Light therapy can help to improve mood and strengthen the immune system, laser therapy is used in pain therapy and to accelerate wound healing. Can light pulses also protect neurons of the substantia nigra from destruction? After promising observations from animal models, several human studies are in their early stages.
When the Australian neuroanatomist Prof. John Mitrofanis learned 10 years ago that light in the near-infrared (NIR) range can protect retinal cells against toxins, he had the idea to try this in Parkinson's disease. First, his team used a mouse model of the disease to show that this light protected the dopamine-producing cells of the substantia nigra from a neurotoxin. He told this to the French neurosurgeon and physicist Alim Louis Benabid, one of the co-developers of the Deep Brain Stimulation (DBS) method, with whom he had already done research in the past.

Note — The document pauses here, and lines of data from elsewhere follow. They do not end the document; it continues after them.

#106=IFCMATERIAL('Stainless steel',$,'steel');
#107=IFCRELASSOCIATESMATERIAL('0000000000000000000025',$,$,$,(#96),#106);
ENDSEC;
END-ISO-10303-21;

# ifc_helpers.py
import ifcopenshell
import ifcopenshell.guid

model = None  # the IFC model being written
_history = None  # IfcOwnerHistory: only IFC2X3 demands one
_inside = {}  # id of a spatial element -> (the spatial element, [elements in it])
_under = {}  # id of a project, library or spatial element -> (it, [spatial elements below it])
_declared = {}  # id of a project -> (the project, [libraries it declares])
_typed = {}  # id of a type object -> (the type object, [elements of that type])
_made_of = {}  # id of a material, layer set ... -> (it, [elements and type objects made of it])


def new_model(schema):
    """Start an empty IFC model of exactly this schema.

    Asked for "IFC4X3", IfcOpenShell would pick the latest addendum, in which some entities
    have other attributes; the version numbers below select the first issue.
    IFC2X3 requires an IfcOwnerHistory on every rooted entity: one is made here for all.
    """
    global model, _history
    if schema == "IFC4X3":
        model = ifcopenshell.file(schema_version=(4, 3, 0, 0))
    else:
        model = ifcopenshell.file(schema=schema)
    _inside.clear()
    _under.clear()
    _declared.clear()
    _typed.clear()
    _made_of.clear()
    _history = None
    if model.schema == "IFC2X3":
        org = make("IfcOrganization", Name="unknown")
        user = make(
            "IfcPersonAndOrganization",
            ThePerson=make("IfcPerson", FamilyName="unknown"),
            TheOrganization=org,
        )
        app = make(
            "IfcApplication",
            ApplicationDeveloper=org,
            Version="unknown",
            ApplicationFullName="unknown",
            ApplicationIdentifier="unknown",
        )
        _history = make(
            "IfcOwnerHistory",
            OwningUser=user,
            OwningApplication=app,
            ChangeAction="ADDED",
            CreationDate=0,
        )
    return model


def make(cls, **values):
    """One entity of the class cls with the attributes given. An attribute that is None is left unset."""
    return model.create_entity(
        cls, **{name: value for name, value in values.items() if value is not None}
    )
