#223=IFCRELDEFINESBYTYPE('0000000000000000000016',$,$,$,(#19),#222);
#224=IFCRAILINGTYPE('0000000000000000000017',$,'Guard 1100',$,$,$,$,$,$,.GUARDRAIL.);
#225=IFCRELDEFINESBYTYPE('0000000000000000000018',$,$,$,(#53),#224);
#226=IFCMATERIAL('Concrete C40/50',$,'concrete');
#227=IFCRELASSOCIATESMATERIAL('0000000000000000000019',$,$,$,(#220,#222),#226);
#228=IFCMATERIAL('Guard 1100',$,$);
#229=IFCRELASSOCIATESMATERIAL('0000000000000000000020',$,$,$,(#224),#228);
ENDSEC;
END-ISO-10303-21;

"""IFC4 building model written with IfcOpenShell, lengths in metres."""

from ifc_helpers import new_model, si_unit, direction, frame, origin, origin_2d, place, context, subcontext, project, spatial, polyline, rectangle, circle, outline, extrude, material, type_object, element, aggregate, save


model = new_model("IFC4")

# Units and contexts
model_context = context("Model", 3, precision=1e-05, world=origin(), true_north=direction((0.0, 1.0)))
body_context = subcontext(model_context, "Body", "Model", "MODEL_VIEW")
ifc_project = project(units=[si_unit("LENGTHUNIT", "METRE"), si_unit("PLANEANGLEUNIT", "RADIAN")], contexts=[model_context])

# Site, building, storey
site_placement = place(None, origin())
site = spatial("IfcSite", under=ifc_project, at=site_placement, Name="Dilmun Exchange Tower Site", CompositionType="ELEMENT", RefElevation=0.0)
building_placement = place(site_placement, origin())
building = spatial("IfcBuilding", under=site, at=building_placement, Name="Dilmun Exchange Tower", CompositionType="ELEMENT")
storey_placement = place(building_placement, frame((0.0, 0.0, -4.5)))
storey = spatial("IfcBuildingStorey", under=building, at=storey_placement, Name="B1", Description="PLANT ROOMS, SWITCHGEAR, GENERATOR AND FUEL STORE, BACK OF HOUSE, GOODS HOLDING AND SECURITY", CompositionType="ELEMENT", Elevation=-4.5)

Both of them came to the conclusion that if the light was only directed at the skull from outside, as in mice, it would not penetrate deep enough in larger animals. Benabid immediately thought of a device that would bring the impulses close to the target area.

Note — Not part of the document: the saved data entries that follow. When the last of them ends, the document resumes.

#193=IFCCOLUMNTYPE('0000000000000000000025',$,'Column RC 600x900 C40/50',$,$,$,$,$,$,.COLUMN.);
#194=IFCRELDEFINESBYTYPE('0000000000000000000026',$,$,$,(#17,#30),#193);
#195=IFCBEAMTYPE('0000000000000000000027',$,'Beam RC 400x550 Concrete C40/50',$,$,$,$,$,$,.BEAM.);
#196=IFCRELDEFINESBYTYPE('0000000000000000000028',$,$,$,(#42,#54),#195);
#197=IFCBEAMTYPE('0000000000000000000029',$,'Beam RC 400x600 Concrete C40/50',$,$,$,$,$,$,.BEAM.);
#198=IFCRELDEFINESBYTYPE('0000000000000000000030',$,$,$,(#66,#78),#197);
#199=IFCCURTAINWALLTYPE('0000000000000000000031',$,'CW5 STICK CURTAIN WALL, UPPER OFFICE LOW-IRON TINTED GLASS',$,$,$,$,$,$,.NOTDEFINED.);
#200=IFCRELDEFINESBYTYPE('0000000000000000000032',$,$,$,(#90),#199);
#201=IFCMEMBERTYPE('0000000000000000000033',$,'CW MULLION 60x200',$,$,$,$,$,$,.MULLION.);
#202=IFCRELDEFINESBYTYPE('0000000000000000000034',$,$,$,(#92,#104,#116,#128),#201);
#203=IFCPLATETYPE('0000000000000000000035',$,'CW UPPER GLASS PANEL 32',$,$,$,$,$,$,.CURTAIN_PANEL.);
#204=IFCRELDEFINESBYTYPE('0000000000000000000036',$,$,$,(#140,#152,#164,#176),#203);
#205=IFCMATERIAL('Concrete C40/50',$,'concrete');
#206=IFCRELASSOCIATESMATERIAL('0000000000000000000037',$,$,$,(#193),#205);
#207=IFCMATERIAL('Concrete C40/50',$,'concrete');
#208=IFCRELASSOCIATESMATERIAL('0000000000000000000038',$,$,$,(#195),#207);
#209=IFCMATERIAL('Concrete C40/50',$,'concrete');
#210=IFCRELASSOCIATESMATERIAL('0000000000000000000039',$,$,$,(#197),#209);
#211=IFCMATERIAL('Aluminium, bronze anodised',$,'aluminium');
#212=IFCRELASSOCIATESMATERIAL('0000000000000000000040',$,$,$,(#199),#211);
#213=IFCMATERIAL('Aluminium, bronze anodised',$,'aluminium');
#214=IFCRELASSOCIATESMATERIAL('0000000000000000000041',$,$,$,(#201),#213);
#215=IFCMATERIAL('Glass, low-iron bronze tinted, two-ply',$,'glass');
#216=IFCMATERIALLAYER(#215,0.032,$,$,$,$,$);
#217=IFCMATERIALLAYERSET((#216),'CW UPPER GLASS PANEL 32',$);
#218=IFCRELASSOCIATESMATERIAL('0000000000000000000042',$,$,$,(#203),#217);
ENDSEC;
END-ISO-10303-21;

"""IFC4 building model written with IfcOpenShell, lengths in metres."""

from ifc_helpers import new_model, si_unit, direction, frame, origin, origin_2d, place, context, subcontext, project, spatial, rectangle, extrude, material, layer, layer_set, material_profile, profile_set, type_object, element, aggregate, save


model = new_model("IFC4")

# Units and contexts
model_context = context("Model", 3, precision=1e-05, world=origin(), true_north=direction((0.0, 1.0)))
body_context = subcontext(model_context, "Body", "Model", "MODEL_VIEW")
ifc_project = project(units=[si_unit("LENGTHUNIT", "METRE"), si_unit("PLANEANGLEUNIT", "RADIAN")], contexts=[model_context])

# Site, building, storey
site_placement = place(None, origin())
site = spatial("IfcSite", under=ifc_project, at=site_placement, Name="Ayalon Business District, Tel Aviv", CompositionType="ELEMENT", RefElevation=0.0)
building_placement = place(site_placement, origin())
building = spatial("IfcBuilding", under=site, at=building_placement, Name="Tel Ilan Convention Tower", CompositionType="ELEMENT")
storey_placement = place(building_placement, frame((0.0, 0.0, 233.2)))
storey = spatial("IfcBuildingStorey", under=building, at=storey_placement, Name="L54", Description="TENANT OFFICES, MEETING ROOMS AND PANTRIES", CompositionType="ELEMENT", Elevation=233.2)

In 2017 such a device was developed. It was implanted in nine macaques that had received a neurotoxin that causes Parkinson's disease. The implanted device applied NIR light to the midbrain. When the first monkey moved after three weeks as if nothing had ever happened, the scientists were almost euphoric. Compared to eleven macaques that had received only the neurotoxin, the light-treated animals developed fewer symptoms and 20-60% of the neurons normally attacked by the neurotoxin were preserved.
Mitrofanis and some colleagues (including one who treated her own arthritic knee with an envelope of LEDs) published a study on six Parkinson's patients last year. In these patients, wearing helmets lined with LEDs improved facial expression, auditory processing, participation in conversations, sleep quality, and motivation. Unfortunately, no major effect on motor skills was observed. One of the patients stated that "When I miss a day session, I slowly change. Bad dreams return, my tolerance level drops significantly and my lethargy increases significantly".

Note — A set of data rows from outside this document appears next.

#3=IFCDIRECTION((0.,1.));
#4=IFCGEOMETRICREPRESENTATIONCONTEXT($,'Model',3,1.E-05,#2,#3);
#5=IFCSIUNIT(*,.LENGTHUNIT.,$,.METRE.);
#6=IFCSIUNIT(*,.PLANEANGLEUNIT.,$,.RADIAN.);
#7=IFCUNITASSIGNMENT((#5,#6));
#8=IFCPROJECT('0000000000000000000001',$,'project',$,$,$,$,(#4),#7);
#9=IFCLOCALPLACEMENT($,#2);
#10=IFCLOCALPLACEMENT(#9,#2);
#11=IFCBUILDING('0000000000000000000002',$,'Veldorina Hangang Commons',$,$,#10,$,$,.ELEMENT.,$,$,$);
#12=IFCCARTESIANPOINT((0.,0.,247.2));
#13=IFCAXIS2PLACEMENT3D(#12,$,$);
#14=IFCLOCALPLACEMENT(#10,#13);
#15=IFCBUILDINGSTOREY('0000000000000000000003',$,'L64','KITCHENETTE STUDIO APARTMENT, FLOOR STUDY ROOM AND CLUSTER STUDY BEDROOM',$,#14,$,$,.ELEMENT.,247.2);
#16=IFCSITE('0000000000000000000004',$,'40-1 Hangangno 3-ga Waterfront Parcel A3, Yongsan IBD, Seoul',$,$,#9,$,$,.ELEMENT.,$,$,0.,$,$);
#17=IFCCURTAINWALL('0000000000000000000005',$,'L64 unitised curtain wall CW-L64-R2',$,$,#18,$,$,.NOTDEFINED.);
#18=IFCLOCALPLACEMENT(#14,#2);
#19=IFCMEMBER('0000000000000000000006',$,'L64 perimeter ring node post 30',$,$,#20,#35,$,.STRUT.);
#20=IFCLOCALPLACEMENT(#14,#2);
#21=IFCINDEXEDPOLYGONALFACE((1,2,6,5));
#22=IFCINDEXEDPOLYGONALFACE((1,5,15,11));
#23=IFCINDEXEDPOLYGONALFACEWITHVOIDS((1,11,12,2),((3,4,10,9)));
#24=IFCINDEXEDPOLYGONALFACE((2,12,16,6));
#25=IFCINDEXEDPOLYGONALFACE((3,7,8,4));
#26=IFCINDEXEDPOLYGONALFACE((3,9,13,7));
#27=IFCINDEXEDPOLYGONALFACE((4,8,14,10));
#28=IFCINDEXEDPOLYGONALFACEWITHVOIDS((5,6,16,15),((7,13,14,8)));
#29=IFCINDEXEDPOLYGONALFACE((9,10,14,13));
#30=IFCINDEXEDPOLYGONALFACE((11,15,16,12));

At the University of Sydney, a study is planned with 120 patients wearing a more sophisticated helmet. At the University of Florida, too, the effect of externally applied NIR light versus "sham" light on behavior and motor skills will soon be investigated in 24 randomized patients. Although Dawn Bowers, the neuropsychologist who will lead this trial, is excited, she herself expresses uncertainty as to whether a transcranial procedure can penetrate deep enough to achieve really substantial improvements. She is more hopeful about the more invasive version of the implant.
The first study of this kind will be started this autumn by Dr. Benabid in France and will follow 14 patients with early-stage Parkinson's disease for 4 years. Seven of them will be treated at regular intervals with light pulses of 670 nanometres, which are delivered to the brain via a thin laser diode cable. The initial priority here will be to demonstrate the safety of the implant and evaluate the progress of the disease. Dr. Benabid himself says: "The effect must be great. There is no reason to perform extensive surgery for only a slight improvement". One difficulty will be to detect the protective effect if any.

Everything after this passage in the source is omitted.